Anak Indië

Scarabee Films / vanaf donderdag 26 juni in de bioscoop

Hij was een Indo, zei de vader van Adriaan van Dis. In Nederland Door Omstandigheden. INDO. Even daarvoor heeft Van Dis in Anak Indië (122 min.), als de verteller van een weelderig vormgegeven explainer waarmee deze documentaire wordt opgestart, al de historische achtergronden daarvan geschetst: hoe Nederland ooit terecht kwam in een eilandengroep in Azië, die bijna anderhalve eeuw als kolonisator bestierde onder de noemer Nederlands Indië en vervolgens na de Tweede Wereldoorlog ook weer vertrok uit het land dat zich Indonesië zou gaan noemen.

In de jaren vijftig kwam er vervolgens een breed samengestelde groep Indische Nederlanders naar Nederland, waaronder Peranakan-Chinezen, Molukse KNIL-militairen en Indo-Europeanen.
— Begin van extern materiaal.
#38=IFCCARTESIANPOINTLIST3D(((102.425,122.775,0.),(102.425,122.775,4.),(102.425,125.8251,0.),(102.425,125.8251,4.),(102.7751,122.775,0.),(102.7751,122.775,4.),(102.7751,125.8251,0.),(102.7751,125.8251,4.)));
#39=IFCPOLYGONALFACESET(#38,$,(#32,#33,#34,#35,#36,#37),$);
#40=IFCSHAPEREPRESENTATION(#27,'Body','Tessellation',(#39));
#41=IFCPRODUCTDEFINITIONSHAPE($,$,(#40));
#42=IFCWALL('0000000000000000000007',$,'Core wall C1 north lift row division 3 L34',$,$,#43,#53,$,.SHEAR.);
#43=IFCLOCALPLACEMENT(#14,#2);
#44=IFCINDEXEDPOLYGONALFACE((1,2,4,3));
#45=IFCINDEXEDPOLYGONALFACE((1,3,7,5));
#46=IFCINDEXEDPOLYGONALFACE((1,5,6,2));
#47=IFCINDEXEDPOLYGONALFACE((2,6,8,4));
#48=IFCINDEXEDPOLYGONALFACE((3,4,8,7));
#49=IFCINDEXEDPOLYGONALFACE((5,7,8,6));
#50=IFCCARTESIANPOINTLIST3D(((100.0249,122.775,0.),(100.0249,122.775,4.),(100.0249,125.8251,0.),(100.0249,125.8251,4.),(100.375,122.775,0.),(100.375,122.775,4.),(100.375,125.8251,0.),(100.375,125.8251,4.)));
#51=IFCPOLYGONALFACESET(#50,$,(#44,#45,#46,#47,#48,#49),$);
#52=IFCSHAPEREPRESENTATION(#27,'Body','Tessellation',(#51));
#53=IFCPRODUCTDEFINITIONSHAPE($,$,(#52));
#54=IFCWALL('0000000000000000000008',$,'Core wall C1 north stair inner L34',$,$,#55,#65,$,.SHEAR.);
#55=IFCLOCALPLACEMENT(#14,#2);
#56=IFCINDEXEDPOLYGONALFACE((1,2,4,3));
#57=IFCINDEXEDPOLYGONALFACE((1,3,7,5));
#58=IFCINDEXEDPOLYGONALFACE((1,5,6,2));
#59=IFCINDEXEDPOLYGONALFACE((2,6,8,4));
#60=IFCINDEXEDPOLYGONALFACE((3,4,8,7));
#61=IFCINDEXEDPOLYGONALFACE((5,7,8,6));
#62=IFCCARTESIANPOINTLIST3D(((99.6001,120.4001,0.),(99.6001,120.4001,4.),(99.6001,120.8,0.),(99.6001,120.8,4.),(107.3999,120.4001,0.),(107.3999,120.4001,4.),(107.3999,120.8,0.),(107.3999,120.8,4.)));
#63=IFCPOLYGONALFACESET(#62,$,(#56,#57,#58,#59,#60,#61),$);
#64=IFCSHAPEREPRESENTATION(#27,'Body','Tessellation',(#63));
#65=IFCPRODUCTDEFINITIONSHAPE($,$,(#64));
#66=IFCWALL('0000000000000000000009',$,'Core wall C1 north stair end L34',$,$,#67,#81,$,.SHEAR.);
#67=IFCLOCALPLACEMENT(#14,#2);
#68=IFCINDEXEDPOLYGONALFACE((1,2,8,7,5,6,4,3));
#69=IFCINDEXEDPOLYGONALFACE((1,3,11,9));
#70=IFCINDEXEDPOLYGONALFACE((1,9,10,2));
En daar weten we eigenlijk véél te weinig van, heeft documentairemaakster Hetty Naaijkens-Retel Helmrich dan al betoogd in de openingsscène van deze film: een persiflage op het populaire televisieprogramma De Slimste Mens met presentator Philip Freriks, waarin de drie kandidaten werkelijk geen enkel goed antwoord weten te produceren op de vraag ‘wat weet u van Indo’s?’

Die vraag gaat Naaijkens, die eerder al onder andere Buitenkampers en Klanken Van Oorsprong maakte, nu dus beantwoorden met andere Indische Nederlanders, zoals actrice/zangeres Wieteke van Dort, schrijfster Yvonne Keuls, tekenaar Thé Tjong Khing, componist/pianist Mariëtte Hehakaya, theatermaker Jaro Wolff, Indië-veteraan Loek Middel, fotograaf Claude Vanheye, tekenaar Peter van Dongen, muzikant Steffen de Wolff, vliegeraar Rubens Agaatsz, dichter Robin Block, kris-deskundige David Gallas en de hoofdredacteur van het Indische tijdschrift Moesson, Vivian Boon.

In tegenstelling tot een andere recente documentaire over de erfenis van de voormalige Nederlandse kolonie, Tussen Wal En Schip – Geruisloos Indisch van Juliette Dominicus en Sven Peetoom, zoekt Naaijkens-Retel Helmrich in eerste instantie niet de pijn daarvan op – of het Indisch zwijgen daarover – maar belicht ze juist hoe Indische Nederlanders ons land hebben verrijkt. Met badminton, de vierdaagse en natuurlijk de Indische rijsttafel. En, dat ook, met spiritualiteit en bijgeloof. En later in de film volgen ook de geesten van het verleden die hen en hun families ‘s nachts bezoeken.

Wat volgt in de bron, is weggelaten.